Member of the Parliament of Costa Rica
- In office 1982–1986

Personal details
- Born: Thelma Cecilia Curling Rodriguez 19 February 1933 (age 93) San José, Costa Rica
- Education: Universidad de Costa Rica
- Profession: Judge, Lawyer

= Thelma Curling Rodríguez =

Costa Rican judge and politician (born 1933)

Thelma Cecilia Curling Rodríguez (born 19 February 1933) is a jurist and politician from Costa Rica. She is a defender of women's rights and was the first woman of Afro-Costa Rican descent to become a member of the parliament of Costa Rica.

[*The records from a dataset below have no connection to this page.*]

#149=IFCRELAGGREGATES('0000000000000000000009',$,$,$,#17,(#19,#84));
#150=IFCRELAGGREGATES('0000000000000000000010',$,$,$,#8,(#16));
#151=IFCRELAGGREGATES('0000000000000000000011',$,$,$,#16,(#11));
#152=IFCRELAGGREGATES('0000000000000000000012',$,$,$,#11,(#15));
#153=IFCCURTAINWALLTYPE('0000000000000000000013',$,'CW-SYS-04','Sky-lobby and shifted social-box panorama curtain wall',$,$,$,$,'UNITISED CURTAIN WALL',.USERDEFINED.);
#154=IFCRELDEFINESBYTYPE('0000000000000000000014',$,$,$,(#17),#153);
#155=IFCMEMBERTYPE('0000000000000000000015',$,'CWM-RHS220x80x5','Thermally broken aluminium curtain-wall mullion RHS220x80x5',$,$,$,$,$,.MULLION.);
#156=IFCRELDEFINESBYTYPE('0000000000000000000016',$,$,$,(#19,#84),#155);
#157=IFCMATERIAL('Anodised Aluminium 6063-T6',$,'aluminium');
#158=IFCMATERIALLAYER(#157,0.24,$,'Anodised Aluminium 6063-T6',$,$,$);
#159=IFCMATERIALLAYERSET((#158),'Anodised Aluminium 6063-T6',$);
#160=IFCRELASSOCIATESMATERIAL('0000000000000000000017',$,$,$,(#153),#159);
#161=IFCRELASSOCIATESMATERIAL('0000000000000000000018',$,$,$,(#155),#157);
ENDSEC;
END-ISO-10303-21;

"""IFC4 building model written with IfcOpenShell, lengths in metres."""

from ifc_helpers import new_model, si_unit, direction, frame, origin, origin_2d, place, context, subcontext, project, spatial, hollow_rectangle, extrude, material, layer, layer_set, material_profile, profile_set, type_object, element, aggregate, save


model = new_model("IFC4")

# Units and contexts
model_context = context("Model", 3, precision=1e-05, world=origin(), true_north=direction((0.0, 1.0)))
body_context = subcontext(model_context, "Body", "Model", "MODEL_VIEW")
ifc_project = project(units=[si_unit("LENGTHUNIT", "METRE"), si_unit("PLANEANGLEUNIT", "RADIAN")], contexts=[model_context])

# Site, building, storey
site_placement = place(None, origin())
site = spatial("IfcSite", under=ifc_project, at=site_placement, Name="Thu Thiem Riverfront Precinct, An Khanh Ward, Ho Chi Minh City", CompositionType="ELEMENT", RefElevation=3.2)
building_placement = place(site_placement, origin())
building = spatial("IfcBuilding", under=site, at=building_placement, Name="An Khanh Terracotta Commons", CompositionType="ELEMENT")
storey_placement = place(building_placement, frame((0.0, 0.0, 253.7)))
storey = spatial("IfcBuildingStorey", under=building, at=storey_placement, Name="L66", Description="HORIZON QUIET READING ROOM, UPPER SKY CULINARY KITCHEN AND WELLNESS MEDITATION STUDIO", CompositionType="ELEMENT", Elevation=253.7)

== Early life and education ==
She was born in the Costa Rican capital San José and attended elementary school in the Escuela España and high school in the Colegio Superior de Señoritas. Following she studied law in the University of Costa Rica and became a lawyer in 1959. Influenced by her Afro Costa Rican descent, she chose Limón to work as a lawyer.

== Professional career ==
Having arrived in Limon, she became a teacher from 1960 to 1962. As a lawyer she represented the banks Banco Nacional de Costa Rica and Banco Crédito Agrícola of Cartago. In the province of Limon she was a judge in several courts. Internationally, she represented Costa Rica in the Commission on the Status of Women of the United Nations between 1971 and 1988 and took part in women rights related congresses in Tunisia, Brazil or Mexico. In Switzerland she attended an exhibit on Women Peasants from Costa Rica with the writer Carmen Naranjo and in South Africa she took part in the Black Women Congress in 1995. In 2014 she was elected the president of the Workers Union of Women of Costa Rica. In 2021, she was one of the women portrayed during the exhibit Impronta Femenina Costa Rica 1821–2021 in the Museo de Jade in San José.

== Political career ==
Between 1970 and 1974 she acted as the Municipal President of the Canton Limón and between 1982 and 1986 she was a member of Parliament as the first women of Afro Costa Rican descent, and also the first woman to represent the province of Limón. She is a member of the National Liberation Party (PLN) for which she led the women's branch for eighteen years.

=== Political position ===
A known defender of women's rights, she encouraged women from Limón province to take part in the political process, be it as a voters or present to themselves as candidates. She also demanded better education conditions for women.